Cloud facilities like Google and Twitter have been co-locating workloads using containers for a while now (using Borg or Mesos) but they're still below 40%.



It's probably because these cloud companies consider this type of data to be trade secrets. I'm actually surprised they talk so freely about all this. Maybe it's because they're years ahead from the competition, and do not seem to stop innovating.

I recall seeing a technical presentation by one of these larger organizations (probably Netflix), where they explain that they have to do these tech talks in order to spread the knowledge enough so that they can find people to hire to work on their stuff. Staffing was explicitly the reason they were speaking so freely about details other shops typically consider proprietary.

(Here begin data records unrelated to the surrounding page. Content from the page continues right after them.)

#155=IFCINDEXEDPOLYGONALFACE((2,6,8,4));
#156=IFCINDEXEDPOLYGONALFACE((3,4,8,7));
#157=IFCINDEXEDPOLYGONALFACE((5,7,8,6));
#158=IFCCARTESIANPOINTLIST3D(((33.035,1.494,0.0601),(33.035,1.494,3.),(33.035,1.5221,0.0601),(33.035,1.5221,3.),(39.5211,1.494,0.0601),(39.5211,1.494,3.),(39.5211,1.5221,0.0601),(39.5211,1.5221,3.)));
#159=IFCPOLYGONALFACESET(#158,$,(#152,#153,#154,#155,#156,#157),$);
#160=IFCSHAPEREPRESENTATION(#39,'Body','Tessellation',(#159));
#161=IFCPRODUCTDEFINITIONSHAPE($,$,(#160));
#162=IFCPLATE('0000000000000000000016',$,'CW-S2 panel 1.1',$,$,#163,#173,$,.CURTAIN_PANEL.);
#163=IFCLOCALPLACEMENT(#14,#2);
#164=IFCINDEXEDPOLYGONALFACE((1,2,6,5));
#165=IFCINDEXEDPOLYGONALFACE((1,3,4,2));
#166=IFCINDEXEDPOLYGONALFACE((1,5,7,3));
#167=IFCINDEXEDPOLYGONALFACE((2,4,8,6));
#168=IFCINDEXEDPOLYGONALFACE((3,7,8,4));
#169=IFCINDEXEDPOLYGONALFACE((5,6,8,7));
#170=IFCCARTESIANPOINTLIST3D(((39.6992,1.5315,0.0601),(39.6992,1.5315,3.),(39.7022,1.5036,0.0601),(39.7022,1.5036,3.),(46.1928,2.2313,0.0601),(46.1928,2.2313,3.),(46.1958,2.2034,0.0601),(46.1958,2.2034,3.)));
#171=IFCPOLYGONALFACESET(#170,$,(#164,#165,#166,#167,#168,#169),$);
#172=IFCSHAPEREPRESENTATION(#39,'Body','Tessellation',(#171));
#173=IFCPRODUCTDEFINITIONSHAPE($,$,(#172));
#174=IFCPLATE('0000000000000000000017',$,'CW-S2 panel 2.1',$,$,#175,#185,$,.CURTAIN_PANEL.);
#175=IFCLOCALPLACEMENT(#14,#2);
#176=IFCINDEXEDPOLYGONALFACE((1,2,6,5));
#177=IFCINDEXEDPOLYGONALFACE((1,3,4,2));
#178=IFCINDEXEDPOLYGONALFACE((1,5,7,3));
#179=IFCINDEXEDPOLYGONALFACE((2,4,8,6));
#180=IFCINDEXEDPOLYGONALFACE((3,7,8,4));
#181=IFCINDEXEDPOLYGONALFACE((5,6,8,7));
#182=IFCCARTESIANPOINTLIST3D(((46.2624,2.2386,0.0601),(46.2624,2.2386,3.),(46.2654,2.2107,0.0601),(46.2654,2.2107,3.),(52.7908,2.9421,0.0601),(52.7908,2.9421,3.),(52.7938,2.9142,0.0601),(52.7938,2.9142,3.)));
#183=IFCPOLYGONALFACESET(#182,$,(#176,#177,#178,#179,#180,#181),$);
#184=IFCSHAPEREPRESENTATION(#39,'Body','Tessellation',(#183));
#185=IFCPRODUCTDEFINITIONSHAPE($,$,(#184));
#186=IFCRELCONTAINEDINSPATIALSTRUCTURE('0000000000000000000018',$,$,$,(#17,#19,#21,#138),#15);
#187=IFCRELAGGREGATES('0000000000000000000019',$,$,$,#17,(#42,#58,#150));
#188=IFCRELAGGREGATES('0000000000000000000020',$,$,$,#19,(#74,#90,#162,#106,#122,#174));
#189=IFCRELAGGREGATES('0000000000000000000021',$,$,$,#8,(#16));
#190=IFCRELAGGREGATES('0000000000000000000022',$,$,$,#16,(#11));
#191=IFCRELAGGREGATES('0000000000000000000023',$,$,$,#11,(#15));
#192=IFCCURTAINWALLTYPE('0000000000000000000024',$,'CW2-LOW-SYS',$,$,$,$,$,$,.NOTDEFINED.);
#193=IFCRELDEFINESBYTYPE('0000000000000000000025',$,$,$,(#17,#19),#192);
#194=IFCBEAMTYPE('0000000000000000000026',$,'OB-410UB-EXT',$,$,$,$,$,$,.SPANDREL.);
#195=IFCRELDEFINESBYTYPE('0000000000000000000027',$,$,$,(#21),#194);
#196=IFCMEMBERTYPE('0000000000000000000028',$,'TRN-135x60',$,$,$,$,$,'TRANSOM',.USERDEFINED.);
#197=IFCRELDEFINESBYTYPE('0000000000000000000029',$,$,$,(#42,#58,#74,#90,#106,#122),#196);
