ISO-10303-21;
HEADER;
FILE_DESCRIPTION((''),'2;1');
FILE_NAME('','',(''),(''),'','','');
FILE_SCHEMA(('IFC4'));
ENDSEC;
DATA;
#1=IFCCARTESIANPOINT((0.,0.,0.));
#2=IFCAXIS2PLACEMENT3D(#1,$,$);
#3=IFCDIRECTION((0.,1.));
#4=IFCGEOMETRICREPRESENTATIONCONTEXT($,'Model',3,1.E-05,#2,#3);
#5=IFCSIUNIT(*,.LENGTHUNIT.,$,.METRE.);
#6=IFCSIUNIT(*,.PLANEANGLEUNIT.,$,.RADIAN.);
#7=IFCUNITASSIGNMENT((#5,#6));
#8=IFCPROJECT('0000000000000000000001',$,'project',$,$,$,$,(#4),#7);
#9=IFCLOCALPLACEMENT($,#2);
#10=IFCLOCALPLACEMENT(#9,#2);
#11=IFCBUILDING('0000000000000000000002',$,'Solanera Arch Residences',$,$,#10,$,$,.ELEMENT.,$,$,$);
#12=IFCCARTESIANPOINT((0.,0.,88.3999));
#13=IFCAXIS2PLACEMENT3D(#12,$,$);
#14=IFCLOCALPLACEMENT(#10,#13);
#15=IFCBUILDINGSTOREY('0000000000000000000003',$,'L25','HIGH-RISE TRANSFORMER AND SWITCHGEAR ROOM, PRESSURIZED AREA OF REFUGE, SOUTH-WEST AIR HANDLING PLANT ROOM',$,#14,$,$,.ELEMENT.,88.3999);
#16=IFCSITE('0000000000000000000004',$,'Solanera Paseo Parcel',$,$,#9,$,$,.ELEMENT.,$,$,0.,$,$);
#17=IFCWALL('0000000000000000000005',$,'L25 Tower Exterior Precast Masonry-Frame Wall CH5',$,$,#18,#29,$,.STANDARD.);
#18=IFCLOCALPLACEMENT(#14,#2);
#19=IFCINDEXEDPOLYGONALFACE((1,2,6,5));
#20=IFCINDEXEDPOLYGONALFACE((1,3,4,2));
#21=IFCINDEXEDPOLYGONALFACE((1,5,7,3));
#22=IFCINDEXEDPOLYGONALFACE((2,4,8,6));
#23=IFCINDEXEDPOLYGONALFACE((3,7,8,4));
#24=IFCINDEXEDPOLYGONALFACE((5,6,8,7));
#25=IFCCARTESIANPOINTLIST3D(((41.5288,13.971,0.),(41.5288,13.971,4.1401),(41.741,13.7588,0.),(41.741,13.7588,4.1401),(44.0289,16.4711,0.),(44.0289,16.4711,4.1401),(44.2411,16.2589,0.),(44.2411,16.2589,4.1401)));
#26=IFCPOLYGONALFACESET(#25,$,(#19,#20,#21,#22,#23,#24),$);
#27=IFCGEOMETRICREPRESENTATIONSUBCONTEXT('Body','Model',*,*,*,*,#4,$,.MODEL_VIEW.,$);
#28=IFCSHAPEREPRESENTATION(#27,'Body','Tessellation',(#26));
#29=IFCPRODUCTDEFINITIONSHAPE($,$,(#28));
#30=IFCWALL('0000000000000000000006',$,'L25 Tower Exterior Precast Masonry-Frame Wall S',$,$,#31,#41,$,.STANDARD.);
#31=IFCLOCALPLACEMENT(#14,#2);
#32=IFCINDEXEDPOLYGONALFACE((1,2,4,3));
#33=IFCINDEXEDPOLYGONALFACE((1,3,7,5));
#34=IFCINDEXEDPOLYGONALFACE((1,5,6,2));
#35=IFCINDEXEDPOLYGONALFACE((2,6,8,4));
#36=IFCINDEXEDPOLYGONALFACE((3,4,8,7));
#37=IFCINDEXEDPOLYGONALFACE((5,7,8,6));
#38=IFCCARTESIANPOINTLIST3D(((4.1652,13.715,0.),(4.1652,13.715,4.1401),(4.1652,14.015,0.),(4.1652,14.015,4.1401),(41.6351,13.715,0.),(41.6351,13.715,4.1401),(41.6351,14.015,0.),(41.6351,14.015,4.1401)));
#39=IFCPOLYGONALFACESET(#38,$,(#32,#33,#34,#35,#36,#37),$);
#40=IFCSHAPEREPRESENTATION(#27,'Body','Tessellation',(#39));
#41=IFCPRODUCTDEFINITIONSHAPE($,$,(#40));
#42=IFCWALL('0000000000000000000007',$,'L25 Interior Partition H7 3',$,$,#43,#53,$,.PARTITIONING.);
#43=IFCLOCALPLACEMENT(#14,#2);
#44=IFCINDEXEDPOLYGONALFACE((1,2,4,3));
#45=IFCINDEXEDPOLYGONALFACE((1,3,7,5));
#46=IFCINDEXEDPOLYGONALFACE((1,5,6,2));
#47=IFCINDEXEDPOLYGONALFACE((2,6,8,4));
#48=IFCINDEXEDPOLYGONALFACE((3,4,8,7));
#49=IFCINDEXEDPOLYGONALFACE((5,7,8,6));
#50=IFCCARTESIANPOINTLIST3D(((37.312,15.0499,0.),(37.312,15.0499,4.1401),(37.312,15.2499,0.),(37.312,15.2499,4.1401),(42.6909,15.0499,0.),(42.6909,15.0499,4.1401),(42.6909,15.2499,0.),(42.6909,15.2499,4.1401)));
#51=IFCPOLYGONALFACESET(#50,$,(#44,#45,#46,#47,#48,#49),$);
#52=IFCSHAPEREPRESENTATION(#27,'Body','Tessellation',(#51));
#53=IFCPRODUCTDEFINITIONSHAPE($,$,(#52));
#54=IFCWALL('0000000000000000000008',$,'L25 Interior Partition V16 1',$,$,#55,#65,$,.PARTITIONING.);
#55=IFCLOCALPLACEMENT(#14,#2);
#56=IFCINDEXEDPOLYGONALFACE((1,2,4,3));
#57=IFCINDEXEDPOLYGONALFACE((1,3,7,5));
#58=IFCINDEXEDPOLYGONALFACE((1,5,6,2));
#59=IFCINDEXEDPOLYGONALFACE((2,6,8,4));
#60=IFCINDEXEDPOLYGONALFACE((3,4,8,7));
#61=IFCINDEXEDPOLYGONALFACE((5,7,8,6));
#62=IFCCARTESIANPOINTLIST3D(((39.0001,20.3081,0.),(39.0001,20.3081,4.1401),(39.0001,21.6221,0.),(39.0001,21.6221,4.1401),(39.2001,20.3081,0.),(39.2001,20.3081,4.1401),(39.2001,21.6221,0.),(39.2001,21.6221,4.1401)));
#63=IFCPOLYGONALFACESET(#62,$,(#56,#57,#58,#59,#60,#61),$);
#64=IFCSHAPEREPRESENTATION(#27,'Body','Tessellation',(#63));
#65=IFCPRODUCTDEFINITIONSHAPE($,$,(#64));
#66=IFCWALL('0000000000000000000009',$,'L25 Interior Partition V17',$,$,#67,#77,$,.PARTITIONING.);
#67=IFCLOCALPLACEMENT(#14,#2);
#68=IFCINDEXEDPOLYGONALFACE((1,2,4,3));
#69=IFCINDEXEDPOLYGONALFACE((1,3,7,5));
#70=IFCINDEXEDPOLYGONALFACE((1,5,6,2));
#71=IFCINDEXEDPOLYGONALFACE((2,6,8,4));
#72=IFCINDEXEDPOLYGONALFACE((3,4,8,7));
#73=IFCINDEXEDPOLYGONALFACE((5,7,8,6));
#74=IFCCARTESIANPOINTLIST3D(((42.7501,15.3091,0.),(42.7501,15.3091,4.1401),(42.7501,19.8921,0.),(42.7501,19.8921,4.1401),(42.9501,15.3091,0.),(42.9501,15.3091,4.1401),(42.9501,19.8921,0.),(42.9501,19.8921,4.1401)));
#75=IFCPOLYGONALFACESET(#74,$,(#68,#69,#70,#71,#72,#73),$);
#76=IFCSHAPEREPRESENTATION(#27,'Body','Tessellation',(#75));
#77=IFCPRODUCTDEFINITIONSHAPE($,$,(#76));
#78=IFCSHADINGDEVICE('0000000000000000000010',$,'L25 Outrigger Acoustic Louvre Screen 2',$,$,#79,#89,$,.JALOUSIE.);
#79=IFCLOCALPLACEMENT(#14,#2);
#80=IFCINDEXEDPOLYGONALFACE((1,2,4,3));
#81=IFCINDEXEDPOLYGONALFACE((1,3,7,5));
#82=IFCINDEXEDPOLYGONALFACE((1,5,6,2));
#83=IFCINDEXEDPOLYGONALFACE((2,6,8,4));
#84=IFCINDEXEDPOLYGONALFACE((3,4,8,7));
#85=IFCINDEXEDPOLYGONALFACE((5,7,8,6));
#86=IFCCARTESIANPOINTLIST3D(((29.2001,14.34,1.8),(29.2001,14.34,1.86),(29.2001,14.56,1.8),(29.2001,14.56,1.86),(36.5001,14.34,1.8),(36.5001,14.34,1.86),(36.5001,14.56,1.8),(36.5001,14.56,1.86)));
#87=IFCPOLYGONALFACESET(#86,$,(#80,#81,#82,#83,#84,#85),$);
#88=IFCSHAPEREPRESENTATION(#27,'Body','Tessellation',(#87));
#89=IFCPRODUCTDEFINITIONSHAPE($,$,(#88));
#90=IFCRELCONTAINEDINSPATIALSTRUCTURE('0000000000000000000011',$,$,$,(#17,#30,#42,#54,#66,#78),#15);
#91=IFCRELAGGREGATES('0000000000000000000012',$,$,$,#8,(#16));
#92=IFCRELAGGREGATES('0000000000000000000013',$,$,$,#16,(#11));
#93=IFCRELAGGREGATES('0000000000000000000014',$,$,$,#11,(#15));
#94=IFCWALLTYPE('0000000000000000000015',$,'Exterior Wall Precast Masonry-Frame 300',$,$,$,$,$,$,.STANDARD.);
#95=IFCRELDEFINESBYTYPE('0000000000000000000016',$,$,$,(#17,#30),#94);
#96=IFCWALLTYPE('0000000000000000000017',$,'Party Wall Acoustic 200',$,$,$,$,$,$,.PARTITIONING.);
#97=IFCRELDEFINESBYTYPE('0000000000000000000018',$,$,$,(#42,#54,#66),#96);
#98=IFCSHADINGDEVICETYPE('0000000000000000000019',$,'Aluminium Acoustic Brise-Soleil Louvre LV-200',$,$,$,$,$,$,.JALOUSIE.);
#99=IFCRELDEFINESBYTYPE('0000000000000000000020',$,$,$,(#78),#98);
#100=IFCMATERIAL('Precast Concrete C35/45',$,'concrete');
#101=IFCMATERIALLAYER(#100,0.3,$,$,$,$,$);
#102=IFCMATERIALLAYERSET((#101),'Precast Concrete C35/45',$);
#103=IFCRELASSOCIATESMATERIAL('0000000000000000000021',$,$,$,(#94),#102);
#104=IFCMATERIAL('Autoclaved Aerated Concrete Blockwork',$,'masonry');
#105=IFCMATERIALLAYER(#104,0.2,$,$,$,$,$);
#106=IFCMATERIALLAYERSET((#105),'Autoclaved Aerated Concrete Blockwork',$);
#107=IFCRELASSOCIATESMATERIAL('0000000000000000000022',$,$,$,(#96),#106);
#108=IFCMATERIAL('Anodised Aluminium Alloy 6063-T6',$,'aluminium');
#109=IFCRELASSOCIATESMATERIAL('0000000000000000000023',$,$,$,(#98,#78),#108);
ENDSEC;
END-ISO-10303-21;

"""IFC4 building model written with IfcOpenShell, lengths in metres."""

from ifc_helpers import new_model, si_unit, direction, frame, frame_2d, origin, origin_2d, place, context, subcontext, project, spatial, rectangle, extrude, material, layer, layer_set, type_object, element, save


model = new_model("IFC4")

# Units and contexts
model_context = context("Model", 3, precision=1e-05, world=origin(), true_north=direction((0.0, 1.0)))
body_context = subcontext(model_context, "Body", "Model", "MODEL_VIEW")
ifc_project = project(units=[si_unit("LENGTHUNIT", "METRE"), si_unit("PLANEANGLEUNIT", "RADIAN")], contexts=[model_context])

# Site, building, storey
site_placement = place(None, origin())
site = spatial("IfcSite", under=ifc_project, at=site_placement, Name="Solanera Paseo Parcel", CompositionType="ELEMENT", RefElevation=0.0)
building_placement = place(site_placement, origin())
building = spatial("IfcBuilding", under=site, at=building_placement, Name="Solanera Arch Residences", CompositionType="ELEMENT")
storey_placement = place(building_placement, frame((0.0, 0.0, 88.3999)))
storey = spatial("IfcBuildingStorey", under=building, at=storey_placement, Name="L25", Description="HIGH-RISE TRANSFORMER AND SWITCHGEAR ROOM, PRESSURIZED AREA OF REFUGE, SOUTH-WEST AIR HANDLING PLANT ROOM", CompositionType="ELEMENT", Elevation=88.3999)

# Walls
ifc_material_1 = material(Name="Precast Concrete C35/45", Category="concrete")
ifc_layer_1 = layer(ifc_material_1, 0.3)
ifc_layer_set_1 = layer_set([ifc_layer_1], Name="Precast Concrete C35/45")
wall_type_1 = type_object("IfcWallType", Name="Exterior Wall Precast Masonry-Frame 300", PredefinedType="STANDARD", material=ifc_layer_set_1)
wall_1_placement = place(storey_placement, frame((44.135, 16.365, 0.0), z_axis=(0.0, 0.0, 1.0), x_axis=(-0.707107, -0.707107, 0.0)))
element("IfcWall", 1, at=wall_1_placement, inside=storey, type_object=wall_type_1, Name="L25 Tower Exterior Precast Masonry-Frame Wall CH5", PredefinedType="STANDARD", context=body_context, shape_type="SweptSolid", body=[
    extrude(rectangle(XDim=3.5356, YDim=0.3, at=frame_2d((1.7678, 0.0))), origin(), (0.0, 0.0, 1.0), 4.1401),
])
wall_2_placement = place(storey_placement, frame((41.635, 13.865, 0.0), z_axis=(0.0, 0.0, 1.0), x_axis=(-1.0, 0.0, 0.0)))
element("IfcWall", 2, at=wall_2_placement, inside=storey, type_object=wall_type_1, Name="L25 Tower Exterior Precast Masonry-Frame Wall S", PredefinedType="STANDARD", context=body_context, shape_type="SweptSolid", body=[
    extrude(rectangle(XDim=37.47, YDim=0.3, at=frame_2d((18.7349, 0.0))), origin(), (0.0, 0.0, 1.0), 4.1401),
])
ifc_material_2 = material(Name="Autoclaved Aerated Concrete Blockwork", Category="masonry")
ifc_layer_2 = layer(ifc_material_2, 0.2)
ifc_layer_set_2 = layer_set([ifc_layer_2], Name="Autoclaved Aerated Concrete Blockwork")
wall_type_2 = type_object("IfcWallType", Name="Party Wall Acoustic 200", PredefinedType="PARTITIONING", material=ifc_layer_set_2)
wall_3_placement = place(storey_placement, frame((37.312, 15.1499, 0.0), z_axis=(0.0, 0.0, 1.0), x_axis=(1.0, 0.0, 0.0)))
element("IfcWall", 3, at=wall_3_placement, inside=storey, type_object=wall_type_2, Name="L25 Interior Partition H7 3", PredefinedType="PARTITIONING", context=body_context, shape_type="SweptSolid", body=[
    extrude(rectangle(XDim=5.3789, YDim=0.2, at=frame_2d((2.6895, 0.0))), origin(), (0.0, 0.0, 1.0), 4.1401),
])
wall_4_placement = place(storey_placement, frame((39.1001, 20.3081, 0.0), z_axis=(0.0, 0.0, 1.0), x_axis=(0.0, 1.0, 0.0)))
element("IfcWall", 4, at=wall_4_placement, inside=storey, type_object=wall_type_2, Name="L25 Interior Partition V16 1", PredefinedType="PARTITIONING", context=body_context, shape_type="SweptSolid", body=[
    extrude(rectangle(XDim=1.314, YDim=0.2, at=frame_2d((0.657, 0.0))), origin(), (0.0, 0.0, 1.0), 4.1401),
])
wall_5_placement = place(storey_placement, frame((42.8501, 15.3091, 0.0), z_axis=(0.0, 0.0, 1.0), x_axis=(0.0, 1.0, 0.0)))
element("IfcWall", 5, at=wall_5_placement, inside=storey, type_object=wall_type_2, Name="L25 Interior Partition V17", PredefinedType="PARTITIONING", context=body_context, shape_type="SweptSolid", body=[
    extrude(rectangle(XDim=4.583, YDim=0.2, at=frame_2d((2.2915, 0.0))), origin(), (0.0, 0.0, 1.0), 4.1401),
])

# Shading device
ifc_material_3 = material(Name="Anodised Aluminium Alloy 6063-T6", Category="aluminium")
shading_device_type = type_object("IfcShadingDeviceType", Name="Aluminium Acoustic Brise-Soleil Louvre LV-200", PredefinedType="JALOUSIE", material=ifc_material_3)
shading_device_placement = place(storey_placement, frame((32.8501, 14.45, 1.8)))
element("IfcShadingDevice", 6, at=shading_device_placement, inside=storey, type_object=shading_device_type, material=ifc_material_3, Name="L25 Outrigger Acoustic Louvre Screen 2", PredefinedType="JALOUSIE", context=body_context, shape_type="SweptSolid", body=[
    extrude(rectangle(XDim=7.3, YDim=0.22, at=origin_2d()), origin(), (0.0, 0.0, 1.0), 0.06),
])

save(model, "model.ifc")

What sorts of things does one need to learn to get a software engineering job at a place like Netflix? Where would you even go to learn that type of thing (other than Netflix)?

As someone who spends most of their day writing C# web apps for clients, something like a job at Netflix seems like an impossibility at this point.

Netflix is, mostly, just a Java shop. They follow good practices in a lot of ways (circuit-breaker patterns, abstracted access to data stores, etc.) but it's still a Java shop.

Their infrastructural/cloud ops teams are broader in the proper nouns they wrangle, but that's a different kettle of fish and is totally learnable outside of Netflix: understand AWS (when to build versus buy), understand how systems talk to one another (networking, HTTP for online queries versus queues for offline jobs), and how systems scale and repair after failure (horizontal versus vertical scaling, quorums for decisionmaking, when to use CP versus AP datastores, that kind of thing). And Netflix open-sources enough of their internal tooling that, once you have a baseline in the infrastructural field, you can probably do a good job of figuring out what the missing bits are.

I'm sure, having not worked there but worked on fairly large systems, that Netflix has its own wacky problems, but they're the things that baseline understanding of this stuff enables you to learn. It's all just digital plumbing.

We have many different teams that work in different domains and use different technologies. You can take a look at https://jobs.netflix.com to see if there's anything you would love doing.

My team, for example, builds the user interface for TV devices. It is a single page app that we craft using JavaScript and React. The same code runs on hundreds of different devices, including game consoles, smart TVs, cable boxes, and other HDMI-connected devices.

The TV UI team looks for seasoned software engineers who build UIs and we come from a variety of backgrounds: web, desktop, mobile, embedded devices.

So their plan for getting people who better understand their (likely best) practices for admin is to share their knowledge of how to administer a system like theirs?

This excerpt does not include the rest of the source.